2021-01-21lei q: fix SIGPIPE handling from lei2mail workers
We need to properly propagate SIGPIPE to the top-level lei-daemon process and avoid relying on auto-close, since auto-close triggers Perl warnings when explicit close() does not.
2021-01-21lei q: start ->mset while query_prepare runs
We don't need the result of query_prepare (for augmenting or mass unlinking) until we're ready to deduplicate and write results to the filesystem. This ought to let us hide some of the cost of Xapian searches on multi-device/core systems for extremely expensive searches.

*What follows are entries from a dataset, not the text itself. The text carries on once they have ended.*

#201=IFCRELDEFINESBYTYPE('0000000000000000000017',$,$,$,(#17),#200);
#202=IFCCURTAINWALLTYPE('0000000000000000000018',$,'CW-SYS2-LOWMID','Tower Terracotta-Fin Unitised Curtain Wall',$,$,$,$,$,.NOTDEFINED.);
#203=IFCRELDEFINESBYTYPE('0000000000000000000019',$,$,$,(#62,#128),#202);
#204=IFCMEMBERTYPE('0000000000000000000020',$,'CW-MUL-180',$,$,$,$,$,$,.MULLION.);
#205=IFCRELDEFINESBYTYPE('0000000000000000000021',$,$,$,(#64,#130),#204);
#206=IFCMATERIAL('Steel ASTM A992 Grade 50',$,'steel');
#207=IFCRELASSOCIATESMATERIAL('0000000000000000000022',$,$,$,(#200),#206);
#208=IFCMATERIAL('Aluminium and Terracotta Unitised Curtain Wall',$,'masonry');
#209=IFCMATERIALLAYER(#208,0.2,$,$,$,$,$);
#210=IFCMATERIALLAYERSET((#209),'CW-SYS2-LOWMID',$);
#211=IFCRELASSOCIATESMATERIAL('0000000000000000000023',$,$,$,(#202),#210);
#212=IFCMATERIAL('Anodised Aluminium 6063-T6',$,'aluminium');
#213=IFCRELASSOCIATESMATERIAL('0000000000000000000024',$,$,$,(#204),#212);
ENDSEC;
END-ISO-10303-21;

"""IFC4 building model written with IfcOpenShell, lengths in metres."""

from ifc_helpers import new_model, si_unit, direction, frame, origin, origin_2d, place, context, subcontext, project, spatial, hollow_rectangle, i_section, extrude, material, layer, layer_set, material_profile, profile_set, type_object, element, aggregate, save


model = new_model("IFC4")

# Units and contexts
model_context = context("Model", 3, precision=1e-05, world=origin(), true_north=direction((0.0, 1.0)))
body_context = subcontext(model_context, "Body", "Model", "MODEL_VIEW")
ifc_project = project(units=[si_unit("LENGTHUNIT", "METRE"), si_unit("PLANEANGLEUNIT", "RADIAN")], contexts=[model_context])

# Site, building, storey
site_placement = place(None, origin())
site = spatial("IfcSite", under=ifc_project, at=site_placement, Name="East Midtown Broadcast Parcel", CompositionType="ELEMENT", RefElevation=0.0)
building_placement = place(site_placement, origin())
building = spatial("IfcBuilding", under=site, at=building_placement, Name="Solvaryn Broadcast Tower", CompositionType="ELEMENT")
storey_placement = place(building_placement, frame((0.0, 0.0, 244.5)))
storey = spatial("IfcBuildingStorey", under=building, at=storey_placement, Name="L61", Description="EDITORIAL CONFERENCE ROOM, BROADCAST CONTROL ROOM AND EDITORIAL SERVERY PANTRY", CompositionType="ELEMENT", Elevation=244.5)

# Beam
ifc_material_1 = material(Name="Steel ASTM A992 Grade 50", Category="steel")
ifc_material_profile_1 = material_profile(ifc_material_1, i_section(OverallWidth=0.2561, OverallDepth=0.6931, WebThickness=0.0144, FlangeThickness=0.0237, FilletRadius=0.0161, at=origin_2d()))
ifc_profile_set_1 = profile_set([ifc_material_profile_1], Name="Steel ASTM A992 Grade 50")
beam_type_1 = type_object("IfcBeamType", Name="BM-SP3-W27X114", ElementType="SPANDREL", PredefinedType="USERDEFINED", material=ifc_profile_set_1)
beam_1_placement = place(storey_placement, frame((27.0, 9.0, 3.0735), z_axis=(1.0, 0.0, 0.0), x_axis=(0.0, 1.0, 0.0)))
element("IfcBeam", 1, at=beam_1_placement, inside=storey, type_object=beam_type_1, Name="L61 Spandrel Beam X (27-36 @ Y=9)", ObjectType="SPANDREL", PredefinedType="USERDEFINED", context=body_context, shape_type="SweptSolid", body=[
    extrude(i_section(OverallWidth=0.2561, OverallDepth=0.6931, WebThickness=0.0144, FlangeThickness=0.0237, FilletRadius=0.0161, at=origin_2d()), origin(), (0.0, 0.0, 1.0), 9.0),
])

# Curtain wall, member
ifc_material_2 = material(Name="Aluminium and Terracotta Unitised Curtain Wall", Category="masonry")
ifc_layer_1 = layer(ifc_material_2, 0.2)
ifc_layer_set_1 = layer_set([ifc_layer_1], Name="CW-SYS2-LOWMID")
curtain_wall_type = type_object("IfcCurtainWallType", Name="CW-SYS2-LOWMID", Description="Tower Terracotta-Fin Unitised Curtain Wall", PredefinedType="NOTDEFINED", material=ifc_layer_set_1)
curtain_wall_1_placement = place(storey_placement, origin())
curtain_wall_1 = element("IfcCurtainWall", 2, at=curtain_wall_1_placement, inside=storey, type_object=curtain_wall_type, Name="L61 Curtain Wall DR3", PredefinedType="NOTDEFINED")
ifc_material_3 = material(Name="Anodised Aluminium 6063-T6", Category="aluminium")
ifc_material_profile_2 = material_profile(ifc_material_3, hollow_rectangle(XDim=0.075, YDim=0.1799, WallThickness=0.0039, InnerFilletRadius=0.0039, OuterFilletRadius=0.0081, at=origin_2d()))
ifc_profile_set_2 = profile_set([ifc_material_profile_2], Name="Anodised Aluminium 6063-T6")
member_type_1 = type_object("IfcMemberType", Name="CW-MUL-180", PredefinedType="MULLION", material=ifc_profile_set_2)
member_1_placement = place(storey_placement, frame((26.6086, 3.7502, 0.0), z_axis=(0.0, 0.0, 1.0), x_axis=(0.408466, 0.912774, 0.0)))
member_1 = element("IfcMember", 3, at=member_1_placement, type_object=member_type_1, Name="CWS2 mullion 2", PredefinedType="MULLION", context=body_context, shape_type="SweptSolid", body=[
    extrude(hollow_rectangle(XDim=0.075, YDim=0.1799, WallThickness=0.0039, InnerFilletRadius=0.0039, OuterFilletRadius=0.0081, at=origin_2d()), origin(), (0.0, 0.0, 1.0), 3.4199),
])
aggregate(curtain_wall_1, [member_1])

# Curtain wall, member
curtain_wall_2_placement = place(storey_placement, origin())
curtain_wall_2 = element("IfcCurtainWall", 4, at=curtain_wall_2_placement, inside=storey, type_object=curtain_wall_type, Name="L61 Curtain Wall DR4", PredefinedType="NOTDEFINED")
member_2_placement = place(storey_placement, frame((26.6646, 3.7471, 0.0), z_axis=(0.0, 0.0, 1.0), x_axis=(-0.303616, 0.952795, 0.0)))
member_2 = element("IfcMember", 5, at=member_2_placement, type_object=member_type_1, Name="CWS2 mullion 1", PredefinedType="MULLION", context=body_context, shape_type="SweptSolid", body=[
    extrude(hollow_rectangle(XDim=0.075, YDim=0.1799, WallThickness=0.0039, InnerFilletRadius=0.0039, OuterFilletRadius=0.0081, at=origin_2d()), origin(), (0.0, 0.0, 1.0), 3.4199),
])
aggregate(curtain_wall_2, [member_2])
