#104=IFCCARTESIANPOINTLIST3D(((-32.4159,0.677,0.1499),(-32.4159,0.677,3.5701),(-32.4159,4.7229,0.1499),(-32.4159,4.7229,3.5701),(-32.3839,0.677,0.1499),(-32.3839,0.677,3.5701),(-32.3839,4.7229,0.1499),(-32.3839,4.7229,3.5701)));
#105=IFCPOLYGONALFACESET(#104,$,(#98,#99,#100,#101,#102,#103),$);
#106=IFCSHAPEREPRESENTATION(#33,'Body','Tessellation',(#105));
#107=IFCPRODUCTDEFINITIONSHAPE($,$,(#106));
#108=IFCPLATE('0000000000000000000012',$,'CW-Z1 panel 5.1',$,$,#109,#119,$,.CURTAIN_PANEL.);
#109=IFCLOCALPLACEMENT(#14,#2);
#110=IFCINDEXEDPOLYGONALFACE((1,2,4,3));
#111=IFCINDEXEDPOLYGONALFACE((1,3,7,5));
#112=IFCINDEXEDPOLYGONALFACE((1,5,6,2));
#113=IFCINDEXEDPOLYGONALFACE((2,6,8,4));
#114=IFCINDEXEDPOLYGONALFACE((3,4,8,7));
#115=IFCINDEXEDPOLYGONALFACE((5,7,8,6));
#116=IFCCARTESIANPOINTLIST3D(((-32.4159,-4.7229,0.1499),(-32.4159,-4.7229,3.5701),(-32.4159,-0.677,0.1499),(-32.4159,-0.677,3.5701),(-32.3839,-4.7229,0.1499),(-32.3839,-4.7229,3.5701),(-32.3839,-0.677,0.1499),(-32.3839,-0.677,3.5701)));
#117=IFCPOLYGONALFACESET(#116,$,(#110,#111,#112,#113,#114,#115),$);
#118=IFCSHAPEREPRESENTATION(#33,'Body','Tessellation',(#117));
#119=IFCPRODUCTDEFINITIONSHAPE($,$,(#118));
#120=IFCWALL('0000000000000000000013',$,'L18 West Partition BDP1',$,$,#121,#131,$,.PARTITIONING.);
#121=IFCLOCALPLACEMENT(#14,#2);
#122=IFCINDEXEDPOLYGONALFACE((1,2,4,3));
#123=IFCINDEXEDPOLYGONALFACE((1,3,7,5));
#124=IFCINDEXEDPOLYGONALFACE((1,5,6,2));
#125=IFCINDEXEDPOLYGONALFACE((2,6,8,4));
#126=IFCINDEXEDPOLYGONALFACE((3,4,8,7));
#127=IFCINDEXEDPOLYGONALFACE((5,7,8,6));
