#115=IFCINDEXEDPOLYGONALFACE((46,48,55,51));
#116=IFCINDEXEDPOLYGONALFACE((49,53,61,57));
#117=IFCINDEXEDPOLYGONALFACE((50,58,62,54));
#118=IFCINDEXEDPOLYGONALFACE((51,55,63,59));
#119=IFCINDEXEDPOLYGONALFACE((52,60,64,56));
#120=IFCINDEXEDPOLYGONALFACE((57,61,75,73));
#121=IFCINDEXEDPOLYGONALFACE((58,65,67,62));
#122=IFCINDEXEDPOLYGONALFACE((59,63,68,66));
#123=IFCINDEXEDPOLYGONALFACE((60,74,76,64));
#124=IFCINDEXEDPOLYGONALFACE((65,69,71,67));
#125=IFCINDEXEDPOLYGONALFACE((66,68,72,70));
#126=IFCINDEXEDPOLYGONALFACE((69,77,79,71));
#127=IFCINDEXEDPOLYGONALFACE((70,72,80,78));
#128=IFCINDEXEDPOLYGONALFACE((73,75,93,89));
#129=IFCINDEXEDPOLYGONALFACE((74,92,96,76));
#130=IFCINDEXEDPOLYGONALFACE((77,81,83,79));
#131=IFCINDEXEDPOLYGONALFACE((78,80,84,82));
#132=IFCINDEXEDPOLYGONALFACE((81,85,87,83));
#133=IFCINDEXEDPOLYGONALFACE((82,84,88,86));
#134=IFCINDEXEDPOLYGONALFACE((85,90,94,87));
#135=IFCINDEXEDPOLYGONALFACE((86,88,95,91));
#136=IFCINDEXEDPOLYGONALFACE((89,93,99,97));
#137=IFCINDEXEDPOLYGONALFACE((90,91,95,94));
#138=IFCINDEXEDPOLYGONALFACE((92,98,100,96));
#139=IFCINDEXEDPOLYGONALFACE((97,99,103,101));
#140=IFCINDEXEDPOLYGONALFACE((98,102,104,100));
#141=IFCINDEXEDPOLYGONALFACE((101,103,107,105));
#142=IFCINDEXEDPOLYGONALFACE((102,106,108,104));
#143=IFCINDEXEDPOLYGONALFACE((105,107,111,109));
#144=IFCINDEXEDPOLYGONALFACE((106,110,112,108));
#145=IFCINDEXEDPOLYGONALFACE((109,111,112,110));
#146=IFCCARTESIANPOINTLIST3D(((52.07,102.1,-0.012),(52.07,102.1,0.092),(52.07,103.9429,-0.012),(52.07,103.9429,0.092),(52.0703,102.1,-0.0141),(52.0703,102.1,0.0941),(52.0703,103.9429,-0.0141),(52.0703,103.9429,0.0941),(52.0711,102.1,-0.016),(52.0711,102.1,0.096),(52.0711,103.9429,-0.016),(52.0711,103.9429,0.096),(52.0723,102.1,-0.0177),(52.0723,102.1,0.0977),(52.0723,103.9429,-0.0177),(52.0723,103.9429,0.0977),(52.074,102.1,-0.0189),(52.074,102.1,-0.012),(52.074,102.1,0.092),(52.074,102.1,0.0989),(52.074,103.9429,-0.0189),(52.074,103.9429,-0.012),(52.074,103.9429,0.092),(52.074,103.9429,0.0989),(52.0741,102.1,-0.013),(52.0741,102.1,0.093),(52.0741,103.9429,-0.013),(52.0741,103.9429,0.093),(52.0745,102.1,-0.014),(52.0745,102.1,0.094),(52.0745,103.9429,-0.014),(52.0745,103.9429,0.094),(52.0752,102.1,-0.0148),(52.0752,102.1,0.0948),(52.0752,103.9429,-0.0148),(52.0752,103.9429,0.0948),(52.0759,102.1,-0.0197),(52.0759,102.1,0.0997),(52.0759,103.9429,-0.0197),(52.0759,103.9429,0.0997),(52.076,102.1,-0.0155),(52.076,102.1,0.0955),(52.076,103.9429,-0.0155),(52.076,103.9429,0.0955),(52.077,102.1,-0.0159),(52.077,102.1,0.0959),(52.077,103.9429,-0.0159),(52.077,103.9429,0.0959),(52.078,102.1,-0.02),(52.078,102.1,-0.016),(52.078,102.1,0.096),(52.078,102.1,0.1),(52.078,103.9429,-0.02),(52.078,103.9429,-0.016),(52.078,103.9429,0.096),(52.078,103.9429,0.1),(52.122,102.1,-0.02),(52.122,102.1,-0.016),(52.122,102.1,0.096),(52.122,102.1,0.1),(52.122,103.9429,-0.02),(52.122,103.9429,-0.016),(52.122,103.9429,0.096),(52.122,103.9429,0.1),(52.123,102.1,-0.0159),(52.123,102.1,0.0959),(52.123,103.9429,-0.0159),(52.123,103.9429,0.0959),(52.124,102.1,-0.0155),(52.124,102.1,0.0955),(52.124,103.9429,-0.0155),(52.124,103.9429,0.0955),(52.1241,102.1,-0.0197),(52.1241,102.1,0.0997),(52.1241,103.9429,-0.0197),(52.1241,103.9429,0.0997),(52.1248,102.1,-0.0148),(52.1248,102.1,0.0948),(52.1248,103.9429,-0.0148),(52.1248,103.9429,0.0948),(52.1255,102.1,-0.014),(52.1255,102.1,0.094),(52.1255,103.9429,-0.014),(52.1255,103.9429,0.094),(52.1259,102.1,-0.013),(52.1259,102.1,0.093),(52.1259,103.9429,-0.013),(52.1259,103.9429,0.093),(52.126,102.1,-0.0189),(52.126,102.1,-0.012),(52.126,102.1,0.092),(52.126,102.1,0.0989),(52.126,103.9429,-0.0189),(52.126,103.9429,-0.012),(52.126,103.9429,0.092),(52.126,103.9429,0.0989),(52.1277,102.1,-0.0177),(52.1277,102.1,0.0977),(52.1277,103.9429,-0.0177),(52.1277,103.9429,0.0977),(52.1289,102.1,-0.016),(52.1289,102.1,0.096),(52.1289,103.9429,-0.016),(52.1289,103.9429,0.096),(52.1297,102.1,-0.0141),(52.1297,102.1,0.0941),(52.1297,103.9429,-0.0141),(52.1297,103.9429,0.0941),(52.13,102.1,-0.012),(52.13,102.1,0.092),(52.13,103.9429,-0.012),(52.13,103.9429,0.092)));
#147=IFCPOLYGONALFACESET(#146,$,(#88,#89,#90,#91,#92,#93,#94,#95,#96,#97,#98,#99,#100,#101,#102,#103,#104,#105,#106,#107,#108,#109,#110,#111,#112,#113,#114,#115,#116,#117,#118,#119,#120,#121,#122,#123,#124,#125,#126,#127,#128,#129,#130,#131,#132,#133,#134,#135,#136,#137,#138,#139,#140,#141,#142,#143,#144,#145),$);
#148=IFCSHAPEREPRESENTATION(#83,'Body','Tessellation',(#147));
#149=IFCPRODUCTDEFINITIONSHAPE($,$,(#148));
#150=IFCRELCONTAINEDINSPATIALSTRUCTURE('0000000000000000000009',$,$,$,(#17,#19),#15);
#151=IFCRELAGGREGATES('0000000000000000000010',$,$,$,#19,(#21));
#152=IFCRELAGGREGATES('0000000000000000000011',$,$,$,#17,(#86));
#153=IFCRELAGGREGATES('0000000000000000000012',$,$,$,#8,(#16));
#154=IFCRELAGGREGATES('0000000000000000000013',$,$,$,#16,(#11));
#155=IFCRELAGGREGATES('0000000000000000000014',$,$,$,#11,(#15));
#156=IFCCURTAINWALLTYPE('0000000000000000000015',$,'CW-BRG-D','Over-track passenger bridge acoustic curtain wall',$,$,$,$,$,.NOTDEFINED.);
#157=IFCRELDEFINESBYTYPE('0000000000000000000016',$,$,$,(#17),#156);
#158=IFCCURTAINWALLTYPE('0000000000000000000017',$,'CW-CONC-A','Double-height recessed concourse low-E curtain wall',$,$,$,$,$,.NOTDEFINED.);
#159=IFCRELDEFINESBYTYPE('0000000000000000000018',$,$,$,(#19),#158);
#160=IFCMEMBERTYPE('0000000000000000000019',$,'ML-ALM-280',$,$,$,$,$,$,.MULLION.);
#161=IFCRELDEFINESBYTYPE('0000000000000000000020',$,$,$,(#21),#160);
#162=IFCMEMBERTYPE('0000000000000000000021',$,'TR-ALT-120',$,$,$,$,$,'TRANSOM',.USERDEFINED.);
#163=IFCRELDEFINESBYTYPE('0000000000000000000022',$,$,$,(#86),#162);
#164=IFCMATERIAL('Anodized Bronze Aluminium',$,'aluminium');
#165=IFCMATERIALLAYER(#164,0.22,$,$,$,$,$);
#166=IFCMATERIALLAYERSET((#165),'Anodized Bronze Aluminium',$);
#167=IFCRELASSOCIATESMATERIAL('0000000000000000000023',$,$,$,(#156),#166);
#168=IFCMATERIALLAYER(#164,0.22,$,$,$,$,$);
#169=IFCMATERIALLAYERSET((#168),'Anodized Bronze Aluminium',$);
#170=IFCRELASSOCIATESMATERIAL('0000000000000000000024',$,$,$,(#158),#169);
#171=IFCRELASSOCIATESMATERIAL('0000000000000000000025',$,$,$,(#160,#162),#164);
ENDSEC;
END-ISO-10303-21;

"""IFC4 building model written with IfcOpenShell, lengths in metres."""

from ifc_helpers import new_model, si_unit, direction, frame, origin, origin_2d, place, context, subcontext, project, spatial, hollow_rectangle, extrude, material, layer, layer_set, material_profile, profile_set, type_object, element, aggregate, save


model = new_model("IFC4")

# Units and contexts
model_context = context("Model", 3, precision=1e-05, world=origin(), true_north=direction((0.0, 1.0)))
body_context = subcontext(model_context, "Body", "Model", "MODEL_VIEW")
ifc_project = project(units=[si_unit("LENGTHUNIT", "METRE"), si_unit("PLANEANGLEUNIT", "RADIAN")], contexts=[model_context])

2021-01-18lei_to_mail: optimize for MUAs
Instead of optimizing our own performance, this optimizes our data to reduce work done by the MUA consumer. Maildir and mbox destinations no longer support any notion of the IMAP \Recent flag. JMAP has no functioning \Recent equivalent, and neither do we. In practice, having MUAs (e.g. mutt) clear the \Recent flag when committing changes to the mbox is expensive: it creates a rename(2) storm with Maildir and overwrites the entire mbox. For mboxcl2 (and mboxcl), we'll further optimize mutt behavior by setting the Lines: header in addition to Content-Length. With these changes, mutt exits instantaneously on mboxcl2, mboxcl, and Maildirs generated by "lei q".
2021-01-18lei q: parallelize Maildir and mbox writing
With 4 dedicated workers, this seems to provide a 100-120% speedup on a 4 core machine when writing thousands of search results to a Maildir or mbox. This also sets us up for high-latency IMAP destinations in the future. This opens the door to more speedup opportunities such as optimizing dedupe locking and other ways to reduce contention. This change is fairly complex and convoluted, unfortunately. Further work may allow us to simplify it and even improve performance.
2021-01-18lei q: add --mua-cmd switch
It can be convenient to invoke an MUA as search results are being written to it, as an eager person may want to start seeing results ASAP. This lets Maildir users see results in the MUA as we are writing them. Users of IMAP will eventually be able to take advantage of them, too. Since we don't support mbox locking (yet?), we'll only invoke the MUA after results are done for mbox formats.